Whooo I'm a fascist what are you?

*What is your political ideology?*
Your Result: *Fascist/Radical Right*
This quiz has defined you as a Fascist. You believe in the centralisation of the state in order to take a more militaristic approach to society. You believe authority is the core value of any society and that intellectualism and freedom of debate does more harm than good. Social solidarity is a key element of your ideology.
You may or may not be supportive of capitalism, religion, or extreme nationalism, depending on the type of fascism you identify with
_Result Breakdown:_
77% Fascist/Radical Right
58% Liberal
53% Social Democrat
52% Conservative
50% Communist/Radical Left
15% Libertarian
Quiz Created on GoTo Quiz


----------



## Takun (Mar 1, 2010)

*What is your political ideology?*Your Result: *Social Democrat*


This quiz has defined you as a Social Democrat (you may or may not be a Democratic Socialist as well). In general you are in the Liberal mindset, but wish to take it a step further. You favour the brodening of various social programs and a progressive income tax system to help alleviate social inequality. You wish to change the current social paradigm, but through gradual means.

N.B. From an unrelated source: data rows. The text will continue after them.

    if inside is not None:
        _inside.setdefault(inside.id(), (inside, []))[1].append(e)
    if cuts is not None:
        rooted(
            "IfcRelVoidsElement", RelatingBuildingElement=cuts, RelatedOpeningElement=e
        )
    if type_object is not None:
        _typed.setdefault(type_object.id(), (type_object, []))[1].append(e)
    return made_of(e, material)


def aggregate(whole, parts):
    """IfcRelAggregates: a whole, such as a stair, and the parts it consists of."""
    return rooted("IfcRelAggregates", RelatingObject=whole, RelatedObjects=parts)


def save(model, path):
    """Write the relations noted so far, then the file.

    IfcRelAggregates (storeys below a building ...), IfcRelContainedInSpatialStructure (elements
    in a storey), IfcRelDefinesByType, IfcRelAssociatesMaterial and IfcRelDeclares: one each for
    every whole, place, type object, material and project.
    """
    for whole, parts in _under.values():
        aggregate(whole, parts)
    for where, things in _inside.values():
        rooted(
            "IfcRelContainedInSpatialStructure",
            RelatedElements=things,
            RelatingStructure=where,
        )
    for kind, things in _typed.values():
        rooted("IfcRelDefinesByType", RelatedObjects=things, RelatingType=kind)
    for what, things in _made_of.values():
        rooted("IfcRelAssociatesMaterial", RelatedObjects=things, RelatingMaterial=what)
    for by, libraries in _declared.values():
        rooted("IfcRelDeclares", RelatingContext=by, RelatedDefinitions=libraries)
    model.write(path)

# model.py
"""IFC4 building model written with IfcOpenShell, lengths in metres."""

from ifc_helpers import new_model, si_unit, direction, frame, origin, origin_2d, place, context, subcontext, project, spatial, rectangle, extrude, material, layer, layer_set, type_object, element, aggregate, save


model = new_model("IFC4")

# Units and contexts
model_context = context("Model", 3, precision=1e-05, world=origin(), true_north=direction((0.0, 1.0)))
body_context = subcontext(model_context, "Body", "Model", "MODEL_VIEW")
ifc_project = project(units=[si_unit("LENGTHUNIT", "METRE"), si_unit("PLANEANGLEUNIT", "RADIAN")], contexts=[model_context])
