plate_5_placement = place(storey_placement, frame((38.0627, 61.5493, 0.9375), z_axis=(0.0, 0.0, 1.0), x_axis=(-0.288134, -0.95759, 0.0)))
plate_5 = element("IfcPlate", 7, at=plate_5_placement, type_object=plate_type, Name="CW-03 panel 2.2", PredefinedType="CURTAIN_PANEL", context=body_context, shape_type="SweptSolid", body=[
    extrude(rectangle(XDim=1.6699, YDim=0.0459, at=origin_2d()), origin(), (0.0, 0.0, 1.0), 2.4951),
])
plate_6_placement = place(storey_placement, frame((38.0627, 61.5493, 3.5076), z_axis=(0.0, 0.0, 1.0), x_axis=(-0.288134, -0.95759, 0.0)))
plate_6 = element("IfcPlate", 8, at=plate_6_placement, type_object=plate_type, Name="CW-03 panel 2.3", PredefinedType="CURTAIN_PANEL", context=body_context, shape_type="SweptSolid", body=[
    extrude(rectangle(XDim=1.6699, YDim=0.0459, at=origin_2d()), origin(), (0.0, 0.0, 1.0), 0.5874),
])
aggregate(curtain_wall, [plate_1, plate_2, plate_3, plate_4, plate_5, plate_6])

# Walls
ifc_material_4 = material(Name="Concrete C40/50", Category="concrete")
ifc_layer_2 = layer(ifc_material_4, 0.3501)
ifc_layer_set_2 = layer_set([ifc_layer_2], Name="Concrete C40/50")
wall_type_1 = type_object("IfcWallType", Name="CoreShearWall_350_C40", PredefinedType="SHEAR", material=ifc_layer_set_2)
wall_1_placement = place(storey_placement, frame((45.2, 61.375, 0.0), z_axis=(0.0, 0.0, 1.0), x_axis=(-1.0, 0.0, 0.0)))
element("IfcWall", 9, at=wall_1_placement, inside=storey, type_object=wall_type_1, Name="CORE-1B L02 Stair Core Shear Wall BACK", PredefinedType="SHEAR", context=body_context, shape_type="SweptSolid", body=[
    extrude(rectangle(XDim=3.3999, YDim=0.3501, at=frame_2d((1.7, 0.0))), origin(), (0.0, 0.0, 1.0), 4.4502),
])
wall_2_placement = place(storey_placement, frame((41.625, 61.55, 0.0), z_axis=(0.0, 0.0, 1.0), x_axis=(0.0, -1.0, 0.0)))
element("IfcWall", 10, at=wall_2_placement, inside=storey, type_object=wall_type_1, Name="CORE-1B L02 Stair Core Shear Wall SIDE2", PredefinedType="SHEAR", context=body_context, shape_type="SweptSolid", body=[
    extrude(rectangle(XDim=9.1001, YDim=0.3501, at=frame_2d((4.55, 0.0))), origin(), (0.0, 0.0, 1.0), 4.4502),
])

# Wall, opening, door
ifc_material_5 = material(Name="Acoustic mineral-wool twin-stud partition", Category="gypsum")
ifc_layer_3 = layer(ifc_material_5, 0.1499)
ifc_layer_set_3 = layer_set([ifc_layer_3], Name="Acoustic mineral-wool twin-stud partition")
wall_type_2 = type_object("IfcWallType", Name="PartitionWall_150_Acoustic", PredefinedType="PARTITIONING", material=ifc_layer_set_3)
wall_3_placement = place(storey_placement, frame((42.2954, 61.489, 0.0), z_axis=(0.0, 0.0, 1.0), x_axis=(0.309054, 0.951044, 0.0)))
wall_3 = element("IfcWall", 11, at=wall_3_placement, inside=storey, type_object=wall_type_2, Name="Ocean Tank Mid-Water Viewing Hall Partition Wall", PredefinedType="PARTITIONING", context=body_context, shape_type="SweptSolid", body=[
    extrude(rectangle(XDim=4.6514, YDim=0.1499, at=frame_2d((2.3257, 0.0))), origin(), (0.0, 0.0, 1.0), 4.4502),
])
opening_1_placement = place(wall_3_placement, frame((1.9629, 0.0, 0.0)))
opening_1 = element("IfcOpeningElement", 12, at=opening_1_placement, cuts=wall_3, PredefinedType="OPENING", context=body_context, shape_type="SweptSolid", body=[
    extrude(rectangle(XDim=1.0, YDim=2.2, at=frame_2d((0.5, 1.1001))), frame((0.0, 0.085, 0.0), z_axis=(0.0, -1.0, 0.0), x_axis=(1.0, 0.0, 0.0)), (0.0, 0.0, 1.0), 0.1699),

This was rather pointless.  Just a bunch of talking points thrown in.


----------



## Varulven (Mar 1, 2010)

Huh. I'm a balance of Fascist and Conservative, how does that work?


----------



## Duality Jack (Mar 1, 2010)

Varulven said:


> Huh. I'm a balance of Fascist and Conservative, how does that work?


 lol I dunno.


----------



## Beta_7x (Mar 1, 2010)

Communist/Radical Left. Oh shit...


----------



## blackfuredfox (Mar 1, 2010)

libertarian, did not see that coming. though i did see the conservitive majority with the communist minority.


----------



## Duality Jack (Mar 1, 2010)

at least you are not crazy like me :V -rolls out Tiger tanks and flails a luger about-


----------



## blackfuredfox (Mar 1, 2010)

The Drunken Ace said:


> at least you are not crazy like me :V -rolls out Tiger tanks and flails a luger about-



the way i answered i would let people decide more and take a FDR stance on war.


----------



## Azure (Mar 1, 2010)

I couldn't find one answer I liked. Apparently that makes me a progressive.


----------



## Kivaari (Mar 1, 2010)

I got Social Democrat.


----------



## Duality Jack (Mar 1, 2010)

blackfuredfox said:


> the way i answered i would let people decide more and take a FDR stance on war.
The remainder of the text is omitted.